Re: Emergency memory pool for Glib



Carl Worth wrote:

A downside is that these new, inert objects are exposed to the
application and might cause unexpected side effects. (In practice, as
I've been switching various parts of cairo's internals to this scheme,
the worst side effect I've found is that switching to an inert-object
scheme defeats previous checks for NULL return values. In GTK+ that
problem shouldn't exist as nobody is checking for NULL return values
already).

Inert objects would only seem reasonable if your objects/operations are doing things that in some sense "can" be skipped; e.g. if you don't repaint a window, I guess that isn't catastrophic. (Though sending a mangled print job might be...)

The memory pool thing IMO just doesn't work very well though; it's a probabilistic/one-time/race-prone hack pretty much.

dbus goes further than both and "actually handles" OOM, i.e. all its functions are "transactional" and their effects roll back on OOM, so you can retry the operation if OOM is detected. I would not recommend this without 100% test coverage *including simulating failure of each and every malloc* - dbus has about 70% coverage, and when I added the coverage around 5% or so of mallocs were handled in a broken way, and fixing them required a number of API changes. So you will NOT get this right without extensive testing, though you might write a lot of code you think works and think you got it right and sleep at night, you would be mistaken ;-)

As another proof, when I added malloc failure testing to libxml2 (which thought it had it right) for the first time, libxml2 blew up left and right. I think it might be fixed now.

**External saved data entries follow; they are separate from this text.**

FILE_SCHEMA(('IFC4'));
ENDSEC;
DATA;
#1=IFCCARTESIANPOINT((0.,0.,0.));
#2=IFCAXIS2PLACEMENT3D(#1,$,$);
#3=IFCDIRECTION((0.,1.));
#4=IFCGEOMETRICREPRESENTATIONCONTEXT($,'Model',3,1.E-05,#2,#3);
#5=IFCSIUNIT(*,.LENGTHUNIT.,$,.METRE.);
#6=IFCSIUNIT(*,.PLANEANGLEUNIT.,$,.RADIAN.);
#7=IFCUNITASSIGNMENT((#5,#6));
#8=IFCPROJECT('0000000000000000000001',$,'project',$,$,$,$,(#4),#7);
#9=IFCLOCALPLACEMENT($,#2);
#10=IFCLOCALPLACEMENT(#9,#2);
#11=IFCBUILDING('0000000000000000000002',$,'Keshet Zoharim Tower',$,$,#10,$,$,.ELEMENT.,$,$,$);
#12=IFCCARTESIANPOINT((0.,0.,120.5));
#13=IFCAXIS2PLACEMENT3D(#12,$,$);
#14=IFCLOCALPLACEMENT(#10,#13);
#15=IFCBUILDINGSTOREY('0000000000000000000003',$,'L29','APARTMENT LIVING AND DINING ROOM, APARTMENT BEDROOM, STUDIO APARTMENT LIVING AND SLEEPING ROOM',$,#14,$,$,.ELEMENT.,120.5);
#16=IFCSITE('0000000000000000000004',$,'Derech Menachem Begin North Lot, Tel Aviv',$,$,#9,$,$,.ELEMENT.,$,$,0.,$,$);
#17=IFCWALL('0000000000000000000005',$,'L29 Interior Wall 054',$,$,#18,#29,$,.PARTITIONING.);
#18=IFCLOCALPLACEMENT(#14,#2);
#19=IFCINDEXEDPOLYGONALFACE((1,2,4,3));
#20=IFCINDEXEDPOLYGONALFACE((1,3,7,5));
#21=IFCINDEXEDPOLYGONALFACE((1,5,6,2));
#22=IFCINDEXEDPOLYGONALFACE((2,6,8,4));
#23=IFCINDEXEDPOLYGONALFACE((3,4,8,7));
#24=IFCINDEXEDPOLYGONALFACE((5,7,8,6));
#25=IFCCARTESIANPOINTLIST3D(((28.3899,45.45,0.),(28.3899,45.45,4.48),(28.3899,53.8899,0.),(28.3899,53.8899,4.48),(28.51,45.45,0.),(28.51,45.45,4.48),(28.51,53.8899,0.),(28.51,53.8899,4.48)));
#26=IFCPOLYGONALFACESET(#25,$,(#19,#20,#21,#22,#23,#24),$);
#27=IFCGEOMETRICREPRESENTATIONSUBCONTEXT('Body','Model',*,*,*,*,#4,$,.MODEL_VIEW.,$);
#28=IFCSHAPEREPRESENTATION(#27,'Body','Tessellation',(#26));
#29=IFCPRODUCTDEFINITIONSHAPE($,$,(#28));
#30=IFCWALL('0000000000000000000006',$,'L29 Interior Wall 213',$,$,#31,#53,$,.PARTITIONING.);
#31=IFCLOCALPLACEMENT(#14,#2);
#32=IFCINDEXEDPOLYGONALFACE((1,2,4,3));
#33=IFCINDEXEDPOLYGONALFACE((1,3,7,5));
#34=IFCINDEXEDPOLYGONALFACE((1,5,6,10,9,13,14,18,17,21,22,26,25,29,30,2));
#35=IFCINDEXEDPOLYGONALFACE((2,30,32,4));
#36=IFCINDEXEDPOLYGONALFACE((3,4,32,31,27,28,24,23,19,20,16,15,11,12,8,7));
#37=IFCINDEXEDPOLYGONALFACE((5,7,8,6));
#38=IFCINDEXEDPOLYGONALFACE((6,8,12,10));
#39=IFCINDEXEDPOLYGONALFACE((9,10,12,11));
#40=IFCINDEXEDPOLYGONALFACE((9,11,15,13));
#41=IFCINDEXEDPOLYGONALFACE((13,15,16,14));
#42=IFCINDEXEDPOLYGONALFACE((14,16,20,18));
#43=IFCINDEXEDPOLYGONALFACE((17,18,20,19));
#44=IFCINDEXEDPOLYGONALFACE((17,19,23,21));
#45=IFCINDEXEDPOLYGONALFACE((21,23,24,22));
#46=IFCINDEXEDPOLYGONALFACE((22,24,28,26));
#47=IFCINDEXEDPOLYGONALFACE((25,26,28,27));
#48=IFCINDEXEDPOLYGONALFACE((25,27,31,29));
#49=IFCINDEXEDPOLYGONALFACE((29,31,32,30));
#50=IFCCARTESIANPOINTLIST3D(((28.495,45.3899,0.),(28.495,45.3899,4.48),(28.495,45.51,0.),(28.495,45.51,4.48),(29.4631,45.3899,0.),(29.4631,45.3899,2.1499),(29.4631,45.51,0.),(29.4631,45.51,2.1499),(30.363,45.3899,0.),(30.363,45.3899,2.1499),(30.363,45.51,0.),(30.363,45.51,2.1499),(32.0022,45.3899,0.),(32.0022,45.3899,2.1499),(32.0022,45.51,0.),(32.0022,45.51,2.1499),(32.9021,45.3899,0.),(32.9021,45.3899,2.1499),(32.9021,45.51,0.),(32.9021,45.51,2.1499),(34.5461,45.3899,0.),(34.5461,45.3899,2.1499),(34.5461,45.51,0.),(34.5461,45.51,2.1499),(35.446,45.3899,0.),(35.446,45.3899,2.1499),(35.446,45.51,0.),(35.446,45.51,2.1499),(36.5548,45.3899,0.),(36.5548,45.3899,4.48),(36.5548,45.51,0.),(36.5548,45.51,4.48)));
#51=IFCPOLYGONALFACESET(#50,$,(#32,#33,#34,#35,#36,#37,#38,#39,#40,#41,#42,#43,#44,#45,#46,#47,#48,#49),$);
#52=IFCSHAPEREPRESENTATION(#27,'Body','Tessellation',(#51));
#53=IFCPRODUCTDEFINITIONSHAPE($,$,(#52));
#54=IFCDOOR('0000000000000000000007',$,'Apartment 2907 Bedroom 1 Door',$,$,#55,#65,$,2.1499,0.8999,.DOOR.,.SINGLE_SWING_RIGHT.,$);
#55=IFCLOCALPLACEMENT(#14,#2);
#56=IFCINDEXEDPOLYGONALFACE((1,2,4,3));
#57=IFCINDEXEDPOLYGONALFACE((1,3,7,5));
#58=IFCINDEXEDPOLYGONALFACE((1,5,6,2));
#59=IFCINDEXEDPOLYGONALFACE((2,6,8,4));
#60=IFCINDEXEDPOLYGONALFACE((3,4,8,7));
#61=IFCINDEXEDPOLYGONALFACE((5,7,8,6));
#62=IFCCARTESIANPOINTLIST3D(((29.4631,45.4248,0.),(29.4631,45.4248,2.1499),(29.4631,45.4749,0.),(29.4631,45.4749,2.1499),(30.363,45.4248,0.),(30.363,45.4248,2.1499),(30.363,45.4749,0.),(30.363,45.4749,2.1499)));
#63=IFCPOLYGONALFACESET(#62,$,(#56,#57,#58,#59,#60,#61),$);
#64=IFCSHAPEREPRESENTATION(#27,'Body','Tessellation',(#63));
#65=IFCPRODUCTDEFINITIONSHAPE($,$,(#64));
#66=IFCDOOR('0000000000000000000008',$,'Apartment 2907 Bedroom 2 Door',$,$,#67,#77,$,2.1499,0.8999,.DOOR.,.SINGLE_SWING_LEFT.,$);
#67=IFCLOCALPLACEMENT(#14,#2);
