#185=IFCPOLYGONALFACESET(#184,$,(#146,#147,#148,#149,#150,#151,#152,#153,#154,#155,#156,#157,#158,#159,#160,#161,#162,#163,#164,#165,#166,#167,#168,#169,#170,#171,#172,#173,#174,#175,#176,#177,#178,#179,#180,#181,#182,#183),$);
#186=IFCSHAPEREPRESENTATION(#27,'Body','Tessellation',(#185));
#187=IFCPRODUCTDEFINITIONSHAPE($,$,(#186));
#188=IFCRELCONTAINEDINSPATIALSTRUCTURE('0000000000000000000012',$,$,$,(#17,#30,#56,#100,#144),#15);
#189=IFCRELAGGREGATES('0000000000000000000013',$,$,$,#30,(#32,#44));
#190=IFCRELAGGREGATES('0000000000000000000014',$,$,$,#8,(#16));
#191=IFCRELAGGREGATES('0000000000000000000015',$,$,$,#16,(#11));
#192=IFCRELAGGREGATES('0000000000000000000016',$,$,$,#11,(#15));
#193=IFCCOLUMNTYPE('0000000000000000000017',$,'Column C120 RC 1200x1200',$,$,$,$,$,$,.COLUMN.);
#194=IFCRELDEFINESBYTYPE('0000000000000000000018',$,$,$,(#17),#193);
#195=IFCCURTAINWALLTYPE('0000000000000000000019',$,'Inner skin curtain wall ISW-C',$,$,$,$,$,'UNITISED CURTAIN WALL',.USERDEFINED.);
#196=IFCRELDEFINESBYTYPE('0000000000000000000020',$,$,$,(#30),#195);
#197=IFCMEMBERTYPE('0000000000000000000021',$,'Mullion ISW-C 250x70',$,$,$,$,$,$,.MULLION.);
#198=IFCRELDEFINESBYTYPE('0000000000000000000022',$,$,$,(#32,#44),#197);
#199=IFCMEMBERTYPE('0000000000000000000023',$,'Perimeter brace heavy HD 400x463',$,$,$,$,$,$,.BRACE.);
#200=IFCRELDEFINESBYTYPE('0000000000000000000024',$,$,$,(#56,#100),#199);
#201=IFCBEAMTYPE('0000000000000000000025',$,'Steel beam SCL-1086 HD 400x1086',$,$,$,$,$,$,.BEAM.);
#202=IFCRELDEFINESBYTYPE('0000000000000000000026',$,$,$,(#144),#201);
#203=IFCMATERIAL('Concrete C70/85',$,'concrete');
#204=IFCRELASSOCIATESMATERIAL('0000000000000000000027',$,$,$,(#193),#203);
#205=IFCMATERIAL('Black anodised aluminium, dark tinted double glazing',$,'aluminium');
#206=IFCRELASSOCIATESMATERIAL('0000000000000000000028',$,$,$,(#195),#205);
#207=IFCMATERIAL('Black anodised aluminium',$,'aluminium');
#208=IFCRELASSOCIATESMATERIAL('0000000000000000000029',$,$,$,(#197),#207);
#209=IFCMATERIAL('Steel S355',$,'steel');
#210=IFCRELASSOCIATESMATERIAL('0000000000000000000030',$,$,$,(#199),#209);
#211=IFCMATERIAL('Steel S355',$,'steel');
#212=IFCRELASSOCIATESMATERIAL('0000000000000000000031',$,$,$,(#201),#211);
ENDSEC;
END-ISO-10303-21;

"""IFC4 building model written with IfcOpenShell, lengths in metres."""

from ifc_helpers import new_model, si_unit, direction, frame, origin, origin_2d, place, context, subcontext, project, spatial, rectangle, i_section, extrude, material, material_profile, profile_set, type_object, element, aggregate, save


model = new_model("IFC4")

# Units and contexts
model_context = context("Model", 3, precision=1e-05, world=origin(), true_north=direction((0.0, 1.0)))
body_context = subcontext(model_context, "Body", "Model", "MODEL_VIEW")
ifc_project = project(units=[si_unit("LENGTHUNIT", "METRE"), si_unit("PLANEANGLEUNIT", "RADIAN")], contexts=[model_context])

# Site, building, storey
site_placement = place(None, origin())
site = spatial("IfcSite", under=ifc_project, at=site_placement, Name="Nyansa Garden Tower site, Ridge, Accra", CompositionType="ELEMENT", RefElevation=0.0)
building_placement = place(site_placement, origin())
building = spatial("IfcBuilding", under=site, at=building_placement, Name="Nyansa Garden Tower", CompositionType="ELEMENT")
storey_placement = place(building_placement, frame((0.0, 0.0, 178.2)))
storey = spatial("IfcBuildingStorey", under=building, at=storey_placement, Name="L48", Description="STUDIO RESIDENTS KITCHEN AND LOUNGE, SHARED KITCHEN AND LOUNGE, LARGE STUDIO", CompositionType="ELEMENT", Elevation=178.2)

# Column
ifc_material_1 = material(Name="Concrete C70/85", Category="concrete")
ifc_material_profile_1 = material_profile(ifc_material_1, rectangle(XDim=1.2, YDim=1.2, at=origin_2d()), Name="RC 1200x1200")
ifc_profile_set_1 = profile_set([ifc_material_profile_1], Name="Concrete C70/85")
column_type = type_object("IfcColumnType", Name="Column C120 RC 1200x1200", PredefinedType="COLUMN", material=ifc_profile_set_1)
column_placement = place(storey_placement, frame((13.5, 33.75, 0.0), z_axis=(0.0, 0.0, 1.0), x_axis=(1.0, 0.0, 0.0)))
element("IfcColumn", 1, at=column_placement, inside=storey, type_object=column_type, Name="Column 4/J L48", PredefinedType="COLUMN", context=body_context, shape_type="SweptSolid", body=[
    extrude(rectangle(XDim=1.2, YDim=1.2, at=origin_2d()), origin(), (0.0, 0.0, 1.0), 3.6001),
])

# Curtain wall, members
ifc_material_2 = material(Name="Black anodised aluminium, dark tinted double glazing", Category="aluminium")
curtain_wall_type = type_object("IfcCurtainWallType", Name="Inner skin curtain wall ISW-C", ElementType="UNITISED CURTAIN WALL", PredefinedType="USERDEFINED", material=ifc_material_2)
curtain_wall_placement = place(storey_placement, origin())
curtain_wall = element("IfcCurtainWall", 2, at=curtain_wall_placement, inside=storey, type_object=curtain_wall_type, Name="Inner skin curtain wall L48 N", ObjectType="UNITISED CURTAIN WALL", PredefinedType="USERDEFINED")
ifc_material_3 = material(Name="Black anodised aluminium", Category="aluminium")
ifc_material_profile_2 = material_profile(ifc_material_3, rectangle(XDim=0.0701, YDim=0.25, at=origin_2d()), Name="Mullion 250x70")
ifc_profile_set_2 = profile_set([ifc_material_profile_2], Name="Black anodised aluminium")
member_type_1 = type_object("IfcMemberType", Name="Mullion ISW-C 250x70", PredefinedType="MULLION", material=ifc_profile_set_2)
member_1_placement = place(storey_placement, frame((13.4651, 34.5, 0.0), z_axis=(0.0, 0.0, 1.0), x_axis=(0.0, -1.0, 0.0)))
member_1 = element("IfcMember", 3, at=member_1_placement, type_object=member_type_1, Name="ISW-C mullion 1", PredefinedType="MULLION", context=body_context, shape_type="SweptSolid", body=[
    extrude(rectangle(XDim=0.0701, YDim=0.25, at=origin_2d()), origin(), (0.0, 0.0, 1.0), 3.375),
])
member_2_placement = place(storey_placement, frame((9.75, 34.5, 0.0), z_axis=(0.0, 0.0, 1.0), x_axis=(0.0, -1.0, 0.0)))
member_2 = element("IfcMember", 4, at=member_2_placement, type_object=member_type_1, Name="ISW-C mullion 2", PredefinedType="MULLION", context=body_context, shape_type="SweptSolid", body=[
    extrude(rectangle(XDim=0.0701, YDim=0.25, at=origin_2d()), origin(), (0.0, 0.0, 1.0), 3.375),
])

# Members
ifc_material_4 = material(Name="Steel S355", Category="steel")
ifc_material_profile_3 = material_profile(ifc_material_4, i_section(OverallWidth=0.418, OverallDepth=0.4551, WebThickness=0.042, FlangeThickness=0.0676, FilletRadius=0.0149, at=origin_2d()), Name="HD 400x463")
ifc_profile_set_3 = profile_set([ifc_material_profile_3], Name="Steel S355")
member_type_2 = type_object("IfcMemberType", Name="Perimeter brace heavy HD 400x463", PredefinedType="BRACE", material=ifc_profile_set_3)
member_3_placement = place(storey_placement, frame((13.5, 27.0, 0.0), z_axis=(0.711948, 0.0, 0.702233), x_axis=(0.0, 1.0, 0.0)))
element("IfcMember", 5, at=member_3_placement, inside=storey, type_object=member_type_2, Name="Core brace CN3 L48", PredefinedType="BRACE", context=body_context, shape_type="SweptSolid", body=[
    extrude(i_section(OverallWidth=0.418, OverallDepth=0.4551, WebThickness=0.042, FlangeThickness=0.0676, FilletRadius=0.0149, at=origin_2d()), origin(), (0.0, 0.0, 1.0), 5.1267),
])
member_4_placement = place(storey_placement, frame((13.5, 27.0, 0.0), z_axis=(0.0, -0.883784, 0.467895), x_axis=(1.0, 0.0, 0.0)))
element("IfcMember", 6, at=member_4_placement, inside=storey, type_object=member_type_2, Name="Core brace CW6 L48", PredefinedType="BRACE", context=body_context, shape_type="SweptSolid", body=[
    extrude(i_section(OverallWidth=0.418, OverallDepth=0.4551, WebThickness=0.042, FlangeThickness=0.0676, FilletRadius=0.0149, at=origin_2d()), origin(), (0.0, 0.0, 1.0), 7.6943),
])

In both the dbus and libxml2 cases, it was quite possibly a waste since apps don't check or handle any of the OOM stuff anyway. Well, dbus-daemon is the only app that does, at least.

For almost all apps I think gtk pretty much has this right already. Aborting (or perhaps sleep() and retry a few times) is all that makes sense.

Remember there's g_try_malloc that apps can use for allocating large objects where failure is likely.